Soon after word of the war’s end reaches Bertie and Sofie, Bertie discovers an emaciated young man unconscious in the asparagus patch “in the dirtied stripes of a camp prisoner.” Noting the black triangle sewed to the man’s uniform, the Nazis’ label for trans prisoners, Bertie realizes the man must have escaped from nearby Dachau. While feeding and bathing the dazed stranger, Bertie takes a chance. “I’m a transvestite,” he says.
“Me, too,” says Karl.
“Why were you still in those clothes?” Bertie asked. “Didn’t the Allies liberate the camps weeks ago?”
“I fled when the Allies came.”
“Is it true? They’re setting everyone but us free?”
“The only difference I’ve seen between [the Allies and the Nazis] is their style of murder,” Karl answers.
Devastated to learn that the Allies, too, were treating trans people as subhuman, Bertie and Sofie stop waiting to be liberated and start planning their own liberation. Their preparations to emigrate to America include training the innocent Karl to avoid recognition.
“Perhaps when you’re rested,” Bertie said, “I can teach you how to transvert.”
“I am not a man exactly like that.”
“Or you could wear some of my things,” Sofie added gently.
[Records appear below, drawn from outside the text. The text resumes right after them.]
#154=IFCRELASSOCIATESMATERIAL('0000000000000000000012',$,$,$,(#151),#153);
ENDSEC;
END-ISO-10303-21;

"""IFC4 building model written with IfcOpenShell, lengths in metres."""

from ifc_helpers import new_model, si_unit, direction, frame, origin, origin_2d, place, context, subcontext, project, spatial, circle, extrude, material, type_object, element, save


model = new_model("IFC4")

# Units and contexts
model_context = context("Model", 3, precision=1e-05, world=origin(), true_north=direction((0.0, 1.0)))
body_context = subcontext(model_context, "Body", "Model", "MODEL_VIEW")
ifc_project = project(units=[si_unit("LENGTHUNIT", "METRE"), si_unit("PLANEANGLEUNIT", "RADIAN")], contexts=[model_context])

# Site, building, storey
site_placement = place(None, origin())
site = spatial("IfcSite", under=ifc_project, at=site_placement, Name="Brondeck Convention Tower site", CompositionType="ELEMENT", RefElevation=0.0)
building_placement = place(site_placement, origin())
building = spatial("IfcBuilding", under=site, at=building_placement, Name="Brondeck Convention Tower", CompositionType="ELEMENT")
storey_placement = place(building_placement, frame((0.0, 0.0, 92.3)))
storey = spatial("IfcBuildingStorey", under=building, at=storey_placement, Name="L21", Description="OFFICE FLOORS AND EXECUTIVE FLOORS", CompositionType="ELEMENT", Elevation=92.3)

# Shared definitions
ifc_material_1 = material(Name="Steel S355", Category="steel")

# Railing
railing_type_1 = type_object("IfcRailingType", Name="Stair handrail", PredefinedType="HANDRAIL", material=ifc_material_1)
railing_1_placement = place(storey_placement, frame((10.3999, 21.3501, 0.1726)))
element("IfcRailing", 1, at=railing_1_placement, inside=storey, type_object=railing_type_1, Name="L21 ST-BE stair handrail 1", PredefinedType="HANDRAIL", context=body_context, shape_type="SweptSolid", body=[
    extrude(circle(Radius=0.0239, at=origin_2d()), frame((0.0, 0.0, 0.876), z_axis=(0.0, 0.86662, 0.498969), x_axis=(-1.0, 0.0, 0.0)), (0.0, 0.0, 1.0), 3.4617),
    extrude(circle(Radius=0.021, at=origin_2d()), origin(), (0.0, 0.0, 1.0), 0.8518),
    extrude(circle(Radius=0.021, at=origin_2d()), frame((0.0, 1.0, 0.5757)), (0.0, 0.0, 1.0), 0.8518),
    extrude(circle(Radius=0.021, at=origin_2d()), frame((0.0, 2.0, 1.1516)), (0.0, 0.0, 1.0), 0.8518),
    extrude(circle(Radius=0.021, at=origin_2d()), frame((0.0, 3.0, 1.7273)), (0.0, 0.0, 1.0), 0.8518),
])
Here, Todd has his youngest character summarize the painful central paradox of trans life — in Nazi Germany nearly a century ago, and possibly in tomorrow’s America.
“So we have to be who we’re not in order to be who we are,” Karl says.
As their need to flee grows more urgent — this time, from the Allied soldiers who are arresting queer people while freeing the rest of the country — Bertie must destroy the evidence of their assumed identities. He lights a bonfire and burns the very thing that most disaster survivors grab on their way out the door: the photo albums commemorating the once-carefree life he lived when he could be who he truly was.
“Everything had burned, ever since that night at the Institut,” Bertie reflects as the flames lick at images of his happier self. “First the twenty thousand books and then the countless people and then the proof that any of it had ever happened at all. It seemed like every last one of the normally sexed was in on it. It hurt his heart.”
As their escape ship pulls into New York harbor, Bertie ponders the permanence of his pain. “A great sadness fell upon him. Deutschland was behind him forever. He had loved his country. But what he loved was what it used to be, what had been lost. The things it could have been … Pride in a country was what it could do for its people, not what it could take away. Yet here they were. And he would need to get used to it.”
Exhaustively researched, gorgeously crafted and presciently timed, “The Lilac People” exhumes a buried history that could leave us mourning our lost democracy if we don’t learn from, and act on, its tragic lessons.
Maran, author of “The New Old Me” and other books, lives in a Silver Lake bungalow that’s even older than she is.